FiTs have been an effective tool for scaling up mature and less mature renewable energy technologies. In the case of FiTs for carbon removal, governments would set up long-term agreements with carbon removal suppliers, agreeing on a fixed price for a designated payment period.
CfDs have been put in place to provide security for the volatile price development of the green transition. Through CfDs, governments fund the price gap between market prices and actual costs for production. In the future, the price of carbon removal credits will likely also become more volatile. Putting CfDs in place can lower insecurity for investors, help to secure other funding options like debt funding, as well as create incentives for developers of CDR infrastructure projects.
A third option for spurring demand in CDR would be dedicated public buying programs for carbon removal credits. In contrast to FiTs, such a procurement program would be more targeted at the VCM, functioning as a “trust signal” for potential buyers.
- 2. Subsidies and Fiscal Incentives
In addition to strengthening the demand side, governments also need to consider how to strengthen the supply side. Supporting infrastructure development can, for example, happen through direct subsidies or tax credits.
The EU has the option to directly fund and subsidize CDR projects through its Innovation Fund. Financed through the current EU ETS scheme, the Innovation Fund has a total volume of 530 million ETS allowances (the de facto funding depends on the price of carbon). One prime example of the EU’s engagement in CDR is the BECCS Stockholm Exergi project. For now, the EU Innovation Fund is limited to selected technologies, but achieving net zero by 2050 will require a portfolio of permanent CDR pathways.

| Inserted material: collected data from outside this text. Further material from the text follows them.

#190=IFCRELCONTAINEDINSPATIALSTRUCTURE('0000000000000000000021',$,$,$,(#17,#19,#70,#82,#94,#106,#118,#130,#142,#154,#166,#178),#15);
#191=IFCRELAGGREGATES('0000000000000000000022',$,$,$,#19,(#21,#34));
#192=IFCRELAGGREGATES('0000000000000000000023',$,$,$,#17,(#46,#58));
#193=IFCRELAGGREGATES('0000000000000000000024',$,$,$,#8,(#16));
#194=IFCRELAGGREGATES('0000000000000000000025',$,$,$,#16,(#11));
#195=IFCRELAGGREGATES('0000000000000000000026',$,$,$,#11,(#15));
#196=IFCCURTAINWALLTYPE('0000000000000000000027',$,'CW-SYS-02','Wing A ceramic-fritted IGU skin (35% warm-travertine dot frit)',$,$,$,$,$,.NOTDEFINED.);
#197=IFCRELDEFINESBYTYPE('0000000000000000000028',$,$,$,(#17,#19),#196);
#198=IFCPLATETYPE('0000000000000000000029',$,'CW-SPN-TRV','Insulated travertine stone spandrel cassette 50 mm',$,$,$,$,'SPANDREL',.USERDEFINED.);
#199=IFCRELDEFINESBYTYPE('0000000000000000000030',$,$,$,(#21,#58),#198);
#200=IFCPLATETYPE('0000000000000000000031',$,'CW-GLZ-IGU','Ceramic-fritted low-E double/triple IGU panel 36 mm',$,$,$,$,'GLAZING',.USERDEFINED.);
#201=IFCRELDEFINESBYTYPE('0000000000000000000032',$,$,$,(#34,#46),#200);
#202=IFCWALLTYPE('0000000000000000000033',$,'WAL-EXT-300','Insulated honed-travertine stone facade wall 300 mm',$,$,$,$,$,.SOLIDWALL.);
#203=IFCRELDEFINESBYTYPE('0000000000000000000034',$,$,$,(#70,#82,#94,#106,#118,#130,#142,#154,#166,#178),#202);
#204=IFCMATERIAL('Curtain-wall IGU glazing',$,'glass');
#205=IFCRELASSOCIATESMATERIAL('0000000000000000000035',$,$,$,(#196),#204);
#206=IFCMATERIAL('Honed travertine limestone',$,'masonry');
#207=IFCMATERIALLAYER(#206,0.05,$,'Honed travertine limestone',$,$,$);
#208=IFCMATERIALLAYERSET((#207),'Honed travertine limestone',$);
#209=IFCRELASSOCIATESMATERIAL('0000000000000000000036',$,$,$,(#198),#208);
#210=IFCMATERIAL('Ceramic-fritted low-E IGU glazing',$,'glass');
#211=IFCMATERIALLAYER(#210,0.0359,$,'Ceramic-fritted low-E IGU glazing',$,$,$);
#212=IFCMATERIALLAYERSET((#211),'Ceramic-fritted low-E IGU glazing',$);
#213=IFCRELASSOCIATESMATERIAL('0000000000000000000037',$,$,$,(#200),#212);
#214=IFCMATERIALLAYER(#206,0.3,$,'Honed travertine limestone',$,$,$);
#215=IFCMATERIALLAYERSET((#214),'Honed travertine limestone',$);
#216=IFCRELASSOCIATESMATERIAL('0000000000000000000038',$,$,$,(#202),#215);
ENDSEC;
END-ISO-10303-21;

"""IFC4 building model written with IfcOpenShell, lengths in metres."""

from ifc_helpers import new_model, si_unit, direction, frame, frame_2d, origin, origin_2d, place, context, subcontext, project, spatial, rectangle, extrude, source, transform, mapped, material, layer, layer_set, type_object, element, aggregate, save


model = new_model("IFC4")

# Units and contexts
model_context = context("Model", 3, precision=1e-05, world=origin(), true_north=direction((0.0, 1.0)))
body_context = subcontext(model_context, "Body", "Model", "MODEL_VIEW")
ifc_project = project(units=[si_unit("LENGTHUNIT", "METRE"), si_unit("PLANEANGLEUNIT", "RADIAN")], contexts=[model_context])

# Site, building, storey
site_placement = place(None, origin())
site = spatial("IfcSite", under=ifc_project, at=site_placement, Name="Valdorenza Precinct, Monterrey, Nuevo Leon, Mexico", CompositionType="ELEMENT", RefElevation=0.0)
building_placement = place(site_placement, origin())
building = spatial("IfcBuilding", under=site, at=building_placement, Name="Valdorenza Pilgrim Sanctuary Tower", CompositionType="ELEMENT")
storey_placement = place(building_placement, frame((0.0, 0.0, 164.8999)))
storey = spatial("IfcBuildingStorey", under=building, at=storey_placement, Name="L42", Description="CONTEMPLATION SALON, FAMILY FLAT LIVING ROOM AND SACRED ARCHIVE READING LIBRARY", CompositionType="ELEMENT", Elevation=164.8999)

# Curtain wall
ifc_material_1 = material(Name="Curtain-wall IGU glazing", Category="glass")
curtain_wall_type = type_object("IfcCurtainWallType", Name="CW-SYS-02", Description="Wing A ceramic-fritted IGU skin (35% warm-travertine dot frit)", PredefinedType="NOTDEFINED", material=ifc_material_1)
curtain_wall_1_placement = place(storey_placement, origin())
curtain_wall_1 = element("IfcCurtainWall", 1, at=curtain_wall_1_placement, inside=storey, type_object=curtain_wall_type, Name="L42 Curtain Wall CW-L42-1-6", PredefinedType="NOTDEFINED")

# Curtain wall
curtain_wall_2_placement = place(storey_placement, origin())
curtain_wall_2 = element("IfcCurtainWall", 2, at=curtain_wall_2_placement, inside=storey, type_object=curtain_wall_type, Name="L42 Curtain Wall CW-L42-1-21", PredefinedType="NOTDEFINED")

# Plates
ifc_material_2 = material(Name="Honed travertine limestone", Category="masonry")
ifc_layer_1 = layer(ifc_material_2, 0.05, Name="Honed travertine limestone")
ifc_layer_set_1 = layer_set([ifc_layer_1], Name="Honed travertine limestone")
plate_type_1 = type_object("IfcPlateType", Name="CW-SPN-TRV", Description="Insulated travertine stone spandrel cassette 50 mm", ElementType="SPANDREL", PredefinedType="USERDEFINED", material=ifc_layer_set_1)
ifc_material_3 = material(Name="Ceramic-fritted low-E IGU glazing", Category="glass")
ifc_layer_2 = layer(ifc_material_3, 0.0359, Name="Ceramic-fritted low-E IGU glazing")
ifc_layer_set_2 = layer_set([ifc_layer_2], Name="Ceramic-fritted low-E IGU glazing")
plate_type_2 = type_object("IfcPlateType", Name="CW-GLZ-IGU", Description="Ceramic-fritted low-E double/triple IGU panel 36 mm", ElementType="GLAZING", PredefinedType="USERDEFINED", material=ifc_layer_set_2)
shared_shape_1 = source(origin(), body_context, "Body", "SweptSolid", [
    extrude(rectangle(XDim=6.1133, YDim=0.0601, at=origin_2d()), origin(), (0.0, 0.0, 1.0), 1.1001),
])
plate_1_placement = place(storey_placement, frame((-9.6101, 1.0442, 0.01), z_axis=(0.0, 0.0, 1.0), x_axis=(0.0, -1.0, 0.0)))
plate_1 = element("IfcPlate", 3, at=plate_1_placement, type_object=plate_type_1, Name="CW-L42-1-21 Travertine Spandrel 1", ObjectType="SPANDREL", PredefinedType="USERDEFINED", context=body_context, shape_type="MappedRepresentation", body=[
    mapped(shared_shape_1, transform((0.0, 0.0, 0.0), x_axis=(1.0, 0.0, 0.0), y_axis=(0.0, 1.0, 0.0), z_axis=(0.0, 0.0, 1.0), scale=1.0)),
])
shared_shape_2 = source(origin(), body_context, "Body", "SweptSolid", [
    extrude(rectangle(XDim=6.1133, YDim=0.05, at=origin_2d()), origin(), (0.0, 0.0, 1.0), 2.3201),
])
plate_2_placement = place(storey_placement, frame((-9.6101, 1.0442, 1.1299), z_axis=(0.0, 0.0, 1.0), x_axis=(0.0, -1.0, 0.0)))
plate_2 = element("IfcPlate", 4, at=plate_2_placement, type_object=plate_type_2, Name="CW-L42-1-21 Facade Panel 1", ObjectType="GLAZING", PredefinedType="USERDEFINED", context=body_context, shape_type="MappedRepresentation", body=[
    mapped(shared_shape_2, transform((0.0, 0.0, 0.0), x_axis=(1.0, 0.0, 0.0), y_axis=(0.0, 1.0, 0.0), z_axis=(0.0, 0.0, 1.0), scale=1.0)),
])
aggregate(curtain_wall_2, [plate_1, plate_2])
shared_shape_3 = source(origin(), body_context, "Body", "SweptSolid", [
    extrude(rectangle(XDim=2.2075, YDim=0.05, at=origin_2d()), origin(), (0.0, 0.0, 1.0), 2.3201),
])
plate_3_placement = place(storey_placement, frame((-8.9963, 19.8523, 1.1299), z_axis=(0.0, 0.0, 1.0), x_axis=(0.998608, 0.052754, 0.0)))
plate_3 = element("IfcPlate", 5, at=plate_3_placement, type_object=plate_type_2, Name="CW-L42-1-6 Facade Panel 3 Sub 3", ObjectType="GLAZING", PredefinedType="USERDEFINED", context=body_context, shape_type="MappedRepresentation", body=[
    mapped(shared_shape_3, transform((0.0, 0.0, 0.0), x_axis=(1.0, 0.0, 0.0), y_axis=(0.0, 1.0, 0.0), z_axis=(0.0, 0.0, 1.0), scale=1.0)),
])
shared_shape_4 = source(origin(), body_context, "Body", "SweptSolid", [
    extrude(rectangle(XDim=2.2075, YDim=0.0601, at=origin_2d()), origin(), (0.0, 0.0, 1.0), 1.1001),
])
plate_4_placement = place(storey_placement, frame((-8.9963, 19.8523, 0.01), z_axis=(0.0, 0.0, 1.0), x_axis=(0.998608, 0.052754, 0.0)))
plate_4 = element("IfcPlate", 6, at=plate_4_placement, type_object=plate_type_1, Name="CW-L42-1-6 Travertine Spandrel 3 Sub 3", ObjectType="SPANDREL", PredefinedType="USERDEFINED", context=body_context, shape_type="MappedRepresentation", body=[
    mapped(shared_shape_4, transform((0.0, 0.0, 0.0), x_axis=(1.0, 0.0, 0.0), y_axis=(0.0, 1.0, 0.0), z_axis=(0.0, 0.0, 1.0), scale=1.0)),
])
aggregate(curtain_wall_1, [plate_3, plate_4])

Tax credits for carbon removal can also help to overcome the high initial capital costs of CDR projects. Tax credits can work ex-ante or ex-post. The US model (45Q) belongs to the latter: It provides a tax credit for each tonne of CO2 removed through the project developer (up to $180 per tonne). The Canadian Investment Tax Credit for Carbon Capture, Utilization and Storage (ICT CCUS) provides support before the actual carbon removal activity. With tax credit rates of up to 30% of CAPEX, the ICT shows how net zero infrastructure projects can be supported right from the start.
- 3. Public Guarantees
A third option for EU member states is to use public credit guarantee schemes (PCGSs) to attract private investment. PCGSs can help to attract private funding by de-risking private capital and reducing the cost of capital for CDR technologies. Especially for hard-tech, high-CAPEX infrastructure, venture capital investment alone is not sufficient; larger debt funding is needed. Technical readiness, commercial offtake agreements, and forecasted cash flow should be taken into account as determining factors. For some CDR suppliers, PCGSs have already helped to secure debt funding for their projects. Setting up a European net zero infrastructure will need dedicated guarantee schemes that make them bankable and mitigate technical risks.
The journey towards climate neutrality has already started. We have identified the path to get there, but we still need to figure out how to accelerate and how to bridge the gap in our way: the net zero gap – both emission reduction targets and permanent carbon removal targets are at risk if we do not start building our net zero infrastructure now. Understanding carbon removal as a public good commands public actions enabling the infrastructure and technologies we need for this.
The European Union is a key player in global climate policy. The bloc has the capabilities and the responsibility to scale net zero technologies. Besides setting the regulatory framework for CDR, the Union also needs to further develop its toolkit for strategic investments and smart fiscal and economic policies to steer demand and crowd in private and public funding for net zero infrastructure.